# Is it essential to have a gas boiler serviced?



## STEINER (23 Nov 2009)

Hi,

Am in my new dwelling 3 years now. I have never had the new gas boiler serviced in the 3 years. Everything is working ok. Am I just postponing the inevitable and should I just get it serviced as soon as possible?

I might add that I never had any servicing experience in any rented properties prior to buying my own place, the gas or oil boilers were not serviced annually!


----------



## PetPal (23 Nov 2009)

I'm wondering the same thing.  I've had mine serviced annually by the Gas Co because it's "the right thing to do".  They've just made an appointment to come out and service it next week and I'm not convinced that it's necessary.  Even when they do service it, anything that I point out (that I'm not happy with) is not covered by the service!!  For example, the temp often goes too high (on the dial) and we have to turn off the heating for a while and then turn it on again.


----------



## gary71 (23 Nov 2009)

Modern gas boilers are very clean, so the day of dust sheets and Hoovers are pretty much over, the purpose of a service has moved away from scrubbing and towards safety, it's very important to have a boiler serviced to check all the safety components, any water leaks and correct boiler settings. If a small leak is left unrepaired on a boiler it can be very costly, but the most important reason is your household insurance, you would be unlikly to be able to make a claim against damage from your heating and hot water system if you couldn't prove proper maintenance of your boiler, Gary.


----------



## STEINER (23 Nov 2009)

yeah, I suppose 3 years is pushing it.  I hadn't thought about the insurance end of things, which if there was a problem, insurers would not pay out.  There is also the whole carbon monoxide issue as well. So, I might as well bite the bullet and get it serviced.


----------



## you're gas (23 Nov 2009)

There are plenty of reasons to service your boiler - from safety to fuel efficiency and everthing in between. And a ton of bodies/agencies/companies advising you of the same. The SEI advises of regular servicing for fuel efficiency and the environment, NSAI and the boiler manufacturer recommends you service for safety and prolonged life of the boiler and the likes of us service engineers, we recommend you service your boiler for all of the above.

There is a couple of issues however that new homeowners take for granted and probably assume the snagger has checked everthing including the installation of the boiler and veryfied the usage of their heating system. In the last week alone I've been to 3 relatively new houses (all less than 3 years old) and all assumed their installations were up to scratch.

The first, in Balbriggan had some metal stud work sitting on the boiler and then the plasterboard fixed on top, plastered and painted and a kitchen cabinet built around the boiler with limited access to the boiler but it was impossible to remove the loadbearing cover from the boiler without the aid of a panel saw and alot of patience - guess where the builder is now -gone.

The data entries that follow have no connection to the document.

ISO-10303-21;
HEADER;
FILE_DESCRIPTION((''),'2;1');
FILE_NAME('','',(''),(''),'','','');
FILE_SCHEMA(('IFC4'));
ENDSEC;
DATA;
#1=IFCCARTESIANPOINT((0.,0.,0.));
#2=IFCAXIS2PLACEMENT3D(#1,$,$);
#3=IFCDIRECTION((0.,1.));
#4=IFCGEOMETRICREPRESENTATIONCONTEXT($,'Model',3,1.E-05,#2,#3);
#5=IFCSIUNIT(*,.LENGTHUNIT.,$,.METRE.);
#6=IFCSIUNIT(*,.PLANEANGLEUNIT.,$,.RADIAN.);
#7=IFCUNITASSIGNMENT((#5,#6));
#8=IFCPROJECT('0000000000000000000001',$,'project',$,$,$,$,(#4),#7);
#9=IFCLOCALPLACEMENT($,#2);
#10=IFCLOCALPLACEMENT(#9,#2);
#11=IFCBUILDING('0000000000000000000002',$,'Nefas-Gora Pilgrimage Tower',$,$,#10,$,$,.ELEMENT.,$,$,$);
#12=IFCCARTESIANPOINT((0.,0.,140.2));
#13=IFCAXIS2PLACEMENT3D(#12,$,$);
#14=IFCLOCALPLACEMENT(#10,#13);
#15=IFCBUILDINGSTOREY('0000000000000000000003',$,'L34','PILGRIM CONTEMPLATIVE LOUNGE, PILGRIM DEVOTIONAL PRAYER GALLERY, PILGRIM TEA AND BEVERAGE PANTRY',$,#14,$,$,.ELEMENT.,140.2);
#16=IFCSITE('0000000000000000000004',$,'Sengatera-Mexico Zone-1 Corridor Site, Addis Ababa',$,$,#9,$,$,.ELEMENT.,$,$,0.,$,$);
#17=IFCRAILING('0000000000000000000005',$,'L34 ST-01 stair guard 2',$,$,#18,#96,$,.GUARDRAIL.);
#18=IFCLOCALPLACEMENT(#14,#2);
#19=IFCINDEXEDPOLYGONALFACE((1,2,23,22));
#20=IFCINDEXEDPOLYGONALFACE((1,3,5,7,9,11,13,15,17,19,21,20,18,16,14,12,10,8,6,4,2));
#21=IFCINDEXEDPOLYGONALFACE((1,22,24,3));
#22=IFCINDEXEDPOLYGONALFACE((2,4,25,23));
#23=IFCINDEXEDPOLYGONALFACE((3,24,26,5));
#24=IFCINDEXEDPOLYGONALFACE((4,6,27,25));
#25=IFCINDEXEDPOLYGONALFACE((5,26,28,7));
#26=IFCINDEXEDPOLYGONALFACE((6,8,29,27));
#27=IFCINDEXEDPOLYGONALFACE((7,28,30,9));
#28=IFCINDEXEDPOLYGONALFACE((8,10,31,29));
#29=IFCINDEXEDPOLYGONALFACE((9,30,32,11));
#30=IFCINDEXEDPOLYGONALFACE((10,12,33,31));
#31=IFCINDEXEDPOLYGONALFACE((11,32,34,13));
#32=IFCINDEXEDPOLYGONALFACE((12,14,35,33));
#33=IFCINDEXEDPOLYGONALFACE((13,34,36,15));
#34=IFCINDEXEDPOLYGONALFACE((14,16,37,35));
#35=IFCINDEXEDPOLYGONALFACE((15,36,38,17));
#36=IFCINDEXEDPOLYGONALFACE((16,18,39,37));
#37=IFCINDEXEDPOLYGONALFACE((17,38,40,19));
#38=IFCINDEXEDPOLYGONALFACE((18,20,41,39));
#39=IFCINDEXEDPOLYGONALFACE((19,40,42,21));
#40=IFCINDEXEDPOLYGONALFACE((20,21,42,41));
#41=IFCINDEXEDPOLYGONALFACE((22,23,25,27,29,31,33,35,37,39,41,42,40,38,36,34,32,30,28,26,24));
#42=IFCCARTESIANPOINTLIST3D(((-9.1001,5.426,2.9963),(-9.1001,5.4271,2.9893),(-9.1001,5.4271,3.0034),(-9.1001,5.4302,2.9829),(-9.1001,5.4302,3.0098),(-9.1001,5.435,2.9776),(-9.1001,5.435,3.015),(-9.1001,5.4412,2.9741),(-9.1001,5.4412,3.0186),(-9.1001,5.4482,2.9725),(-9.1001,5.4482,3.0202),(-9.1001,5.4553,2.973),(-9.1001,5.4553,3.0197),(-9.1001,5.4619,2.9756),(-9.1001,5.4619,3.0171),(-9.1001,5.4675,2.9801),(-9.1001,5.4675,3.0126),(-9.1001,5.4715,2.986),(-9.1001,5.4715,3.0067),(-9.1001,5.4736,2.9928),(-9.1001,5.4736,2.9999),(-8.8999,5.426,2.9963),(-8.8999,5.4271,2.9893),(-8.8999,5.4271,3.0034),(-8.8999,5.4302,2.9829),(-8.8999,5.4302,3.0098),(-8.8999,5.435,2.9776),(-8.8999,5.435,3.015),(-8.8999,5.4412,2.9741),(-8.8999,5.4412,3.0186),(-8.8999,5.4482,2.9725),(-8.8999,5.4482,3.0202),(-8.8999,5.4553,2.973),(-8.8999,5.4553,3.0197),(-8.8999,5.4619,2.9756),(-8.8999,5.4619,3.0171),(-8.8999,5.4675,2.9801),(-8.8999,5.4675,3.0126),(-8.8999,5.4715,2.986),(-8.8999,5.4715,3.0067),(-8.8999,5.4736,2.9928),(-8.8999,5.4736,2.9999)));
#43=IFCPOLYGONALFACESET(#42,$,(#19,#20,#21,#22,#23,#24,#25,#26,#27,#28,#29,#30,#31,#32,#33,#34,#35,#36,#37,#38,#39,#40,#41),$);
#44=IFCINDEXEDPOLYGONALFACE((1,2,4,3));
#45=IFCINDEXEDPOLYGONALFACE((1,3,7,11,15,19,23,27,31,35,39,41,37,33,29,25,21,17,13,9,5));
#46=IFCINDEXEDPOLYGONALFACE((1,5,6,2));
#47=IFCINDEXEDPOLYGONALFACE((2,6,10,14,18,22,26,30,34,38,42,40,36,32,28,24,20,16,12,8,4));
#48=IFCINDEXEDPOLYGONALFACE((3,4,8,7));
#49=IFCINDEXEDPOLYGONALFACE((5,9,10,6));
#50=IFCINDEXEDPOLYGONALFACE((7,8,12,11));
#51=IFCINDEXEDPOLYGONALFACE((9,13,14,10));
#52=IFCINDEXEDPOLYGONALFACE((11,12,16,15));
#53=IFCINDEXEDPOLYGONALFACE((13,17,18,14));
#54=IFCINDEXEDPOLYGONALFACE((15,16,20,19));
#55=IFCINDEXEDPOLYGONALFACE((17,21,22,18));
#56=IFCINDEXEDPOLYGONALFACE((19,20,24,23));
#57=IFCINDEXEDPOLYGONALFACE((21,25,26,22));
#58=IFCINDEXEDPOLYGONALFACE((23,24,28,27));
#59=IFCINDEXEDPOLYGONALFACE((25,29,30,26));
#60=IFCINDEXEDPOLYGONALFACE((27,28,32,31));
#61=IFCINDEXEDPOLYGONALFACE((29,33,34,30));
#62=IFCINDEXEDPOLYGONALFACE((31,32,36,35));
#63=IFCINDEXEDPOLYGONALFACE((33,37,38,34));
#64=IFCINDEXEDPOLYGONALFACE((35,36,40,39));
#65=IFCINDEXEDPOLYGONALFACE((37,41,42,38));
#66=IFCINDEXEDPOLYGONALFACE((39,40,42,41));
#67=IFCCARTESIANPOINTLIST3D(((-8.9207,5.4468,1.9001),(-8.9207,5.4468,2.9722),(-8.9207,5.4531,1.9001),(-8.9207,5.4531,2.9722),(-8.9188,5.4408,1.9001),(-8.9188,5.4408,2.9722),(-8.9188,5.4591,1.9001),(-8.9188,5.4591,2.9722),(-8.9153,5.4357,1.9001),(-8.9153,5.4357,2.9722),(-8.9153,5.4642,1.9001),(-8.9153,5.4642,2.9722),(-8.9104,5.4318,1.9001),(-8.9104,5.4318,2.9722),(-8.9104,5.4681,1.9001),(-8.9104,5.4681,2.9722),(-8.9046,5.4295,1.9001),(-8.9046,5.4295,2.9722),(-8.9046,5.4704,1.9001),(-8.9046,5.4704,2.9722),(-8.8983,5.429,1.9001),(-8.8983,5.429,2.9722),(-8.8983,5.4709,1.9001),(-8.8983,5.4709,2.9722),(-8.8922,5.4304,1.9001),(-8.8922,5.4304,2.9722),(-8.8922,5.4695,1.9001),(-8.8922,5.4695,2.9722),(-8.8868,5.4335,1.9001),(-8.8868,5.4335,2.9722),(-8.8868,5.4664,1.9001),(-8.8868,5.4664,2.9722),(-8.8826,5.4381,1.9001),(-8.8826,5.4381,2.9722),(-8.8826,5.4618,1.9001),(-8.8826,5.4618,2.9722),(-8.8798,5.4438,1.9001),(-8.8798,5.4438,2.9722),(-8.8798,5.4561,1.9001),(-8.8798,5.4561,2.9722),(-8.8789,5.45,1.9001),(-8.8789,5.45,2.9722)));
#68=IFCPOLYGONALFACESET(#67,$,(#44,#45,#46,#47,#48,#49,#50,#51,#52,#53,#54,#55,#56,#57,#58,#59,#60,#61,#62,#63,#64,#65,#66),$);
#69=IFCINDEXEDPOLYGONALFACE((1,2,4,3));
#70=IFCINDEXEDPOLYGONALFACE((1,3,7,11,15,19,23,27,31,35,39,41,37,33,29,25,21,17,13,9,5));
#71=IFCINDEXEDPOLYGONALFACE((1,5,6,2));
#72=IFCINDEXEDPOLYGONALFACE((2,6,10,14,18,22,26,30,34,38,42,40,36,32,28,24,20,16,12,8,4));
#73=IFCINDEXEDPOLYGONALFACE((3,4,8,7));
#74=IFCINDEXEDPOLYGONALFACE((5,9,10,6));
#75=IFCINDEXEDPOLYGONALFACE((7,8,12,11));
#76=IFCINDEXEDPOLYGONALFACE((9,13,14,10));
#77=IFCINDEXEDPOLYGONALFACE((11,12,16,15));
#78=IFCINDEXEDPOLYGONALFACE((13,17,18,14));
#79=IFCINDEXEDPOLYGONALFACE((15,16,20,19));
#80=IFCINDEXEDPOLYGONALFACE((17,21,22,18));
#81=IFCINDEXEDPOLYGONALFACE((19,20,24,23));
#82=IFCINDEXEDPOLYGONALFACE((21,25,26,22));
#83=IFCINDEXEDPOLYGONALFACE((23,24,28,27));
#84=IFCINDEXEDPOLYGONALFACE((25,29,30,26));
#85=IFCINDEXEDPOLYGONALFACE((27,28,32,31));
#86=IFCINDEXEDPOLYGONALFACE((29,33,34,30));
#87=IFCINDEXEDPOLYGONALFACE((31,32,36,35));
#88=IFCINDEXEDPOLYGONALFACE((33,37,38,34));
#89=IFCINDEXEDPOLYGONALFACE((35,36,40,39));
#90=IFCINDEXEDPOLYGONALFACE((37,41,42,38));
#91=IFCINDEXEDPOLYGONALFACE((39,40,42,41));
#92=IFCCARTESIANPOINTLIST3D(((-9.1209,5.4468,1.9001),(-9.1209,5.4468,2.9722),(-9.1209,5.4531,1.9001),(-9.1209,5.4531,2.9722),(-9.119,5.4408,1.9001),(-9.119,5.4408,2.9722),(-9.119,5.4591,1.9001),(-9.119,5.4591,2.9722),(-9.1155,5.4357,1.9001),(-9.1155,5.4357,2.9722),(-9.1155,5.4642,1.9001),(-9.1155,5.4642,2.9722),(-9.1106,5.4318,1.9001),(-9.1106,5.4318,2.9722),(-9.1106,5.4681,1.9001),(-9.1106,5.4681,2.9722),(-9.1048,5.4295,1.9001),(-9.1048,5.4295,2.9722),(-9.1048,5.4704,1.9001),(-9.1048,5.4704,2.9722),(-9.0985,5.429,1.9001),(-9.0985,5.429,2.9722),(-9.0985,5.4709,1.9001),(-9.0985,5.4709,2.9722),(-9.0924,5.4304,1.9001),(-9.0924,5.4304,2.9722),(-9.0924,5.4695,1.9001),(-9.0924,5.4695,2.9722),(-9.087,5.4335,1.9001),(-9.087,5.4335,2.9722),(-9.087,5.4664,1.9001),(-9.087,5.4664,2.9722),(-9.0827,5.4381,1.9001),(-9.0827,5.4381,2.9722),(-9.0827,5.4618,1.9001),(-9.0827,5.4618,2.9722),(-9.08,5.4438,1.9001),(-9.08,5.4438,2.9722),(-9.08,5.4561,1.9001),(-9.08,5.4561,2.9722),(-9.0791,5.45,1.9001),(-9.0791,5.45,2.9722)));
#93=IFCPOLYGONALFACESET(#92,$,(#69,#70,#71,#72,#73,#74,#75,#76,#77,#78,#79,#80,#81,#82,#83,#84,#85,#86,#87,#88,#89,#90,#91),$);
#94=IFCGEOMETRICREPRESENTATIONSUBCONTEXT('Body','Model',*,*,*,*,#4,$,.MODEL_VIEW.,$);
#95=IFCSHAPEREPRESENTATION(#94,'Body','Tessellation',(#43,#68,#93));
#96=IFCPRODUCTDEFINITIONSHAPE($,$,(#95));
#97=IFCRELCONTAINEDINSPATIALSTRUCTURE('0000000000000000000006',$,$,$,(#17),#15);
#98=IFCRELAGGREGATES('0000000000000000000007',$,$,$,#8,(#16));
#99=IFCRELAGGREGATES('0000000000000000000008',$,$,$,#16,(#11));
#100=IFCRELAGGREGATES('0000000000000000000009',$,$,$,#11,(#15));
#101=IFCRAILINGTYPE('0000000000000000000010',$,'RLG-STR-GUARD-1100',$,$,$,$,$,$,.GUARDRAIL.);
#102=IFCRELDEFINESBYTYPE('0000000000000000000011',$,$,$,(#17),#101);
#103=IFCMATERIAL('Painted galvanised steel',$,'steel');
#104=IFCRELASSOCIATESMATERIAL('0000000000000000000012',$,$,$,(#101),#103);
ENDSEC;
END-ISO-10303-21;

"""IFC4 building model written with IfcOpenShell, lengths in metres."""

from ifc_helpers import new_model, si_unit, direction, frame, origin, origin_2d, place, context, subcontext, project, spatial, circle, extrude, material, type_object, element, save


model = new_model("IFC4")

# Units and contexts
model_context = context("Model", 3, precision=1e-05, world=origin(), true_north=direction((0.0, 1.0)))
body_context = subcontext(model_context, "Body", "Model", "MODEL_VIEW")
ifc_project = project(units=[si_unit("LENGTHUNIT", "METRE"), si_unit("PLANEANGLEUNIT", "RADIAN")], contexts=[model_context])

# Site, building, storey
site_placement = place(None, origin())
site = spatial("IfcSite", under=ifc_project, at=site_placement, Name="Sengatera-Mexico Zone-1 Corridor Site, Addis Ababa", CompositionType="ELEMENT", RefElevation=0.0)
building_placement = place(site_placement, origin())
building = spatial("IfcBuilding", under=site, at=building_placement, Name="Nefas-Gora Pilgrimage Tower", CompositionType="ELEMENT")
storey_placement = place(building_placement, frame((0.0, 0.0, 140.2)))
storey = spatial("IfcBuildingStorey", under=building, at=storey_placement, Name="L34", Description="PILGRIM CONTEMPLATIVE LOUNGE, PILGRIM DEVOTIONAL PRAYER GALLERY, PILGRIM TEA AND BEVERAGE PANTRY", CompositionType="ELEMENT", Elevation=140.2)

# Railing
ifc_material_1 = material(Name="Painted galvanised steel", Category="steel")
railing_type_1 = type_object("IfcRailingType", Name="RLG-STR-GUARD-1100", PredefinedType="GUARDRAIL", material=ifc_material_1)
railing_1_placement = place(storey_placement, frame((-8.8999, 5.45, 1.9001)))
element("IfcRailing", 1, at=railing_1_placement, inside=storey, type_object=railing_type_1, Name="L34 ST-01 stair guard 2", PredefinedType="GUARDRAIL", context=body_context, shape_type="SweptSolid", body=[
    extrude(circle(Radius=0.0239, at=origin_2d()), frame((0.0, 0.0, 1.0962), z_axis=(-1.0, 0.0, 0.0), x_axis=(0.0, -1.0, 0.0)), (0.0, 0.0, 1.0), 0.2002),
    extrude(circle(Radius=0.021, at=origin_2d()), origin(), (0.0, 0.0, 1.0), 1.072),
    extrude(circle(Radius=0.021, at=origin_2d()), frame((-0.2002, 0.0, 0.0)), (0.0, 0.0, 1.0), 1.072),
])

save(model, "model.ifc")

The second, a very expensive duplex in Glasnevin, had a very common problem - as well as being extremelly tight in its discrete housing, it wasn't wired properly - no permenant supply to the boiler and external controls not interlocked with the boiler. Again, the builder was long gone with no chance of him returning to rectfy the issue.

The third, same scenario, new home etc. etc. This time in Finglas. This will be the most costly to rectify of the three. This time it's impossible to have hot water in the house without turning the domestic heating on because of the way the house is piped out and requiring a section to be repiped (and of course it's not accesible without taking up carpets floorboards etc). So again, no controls and yes, you've guessed it, no builder either.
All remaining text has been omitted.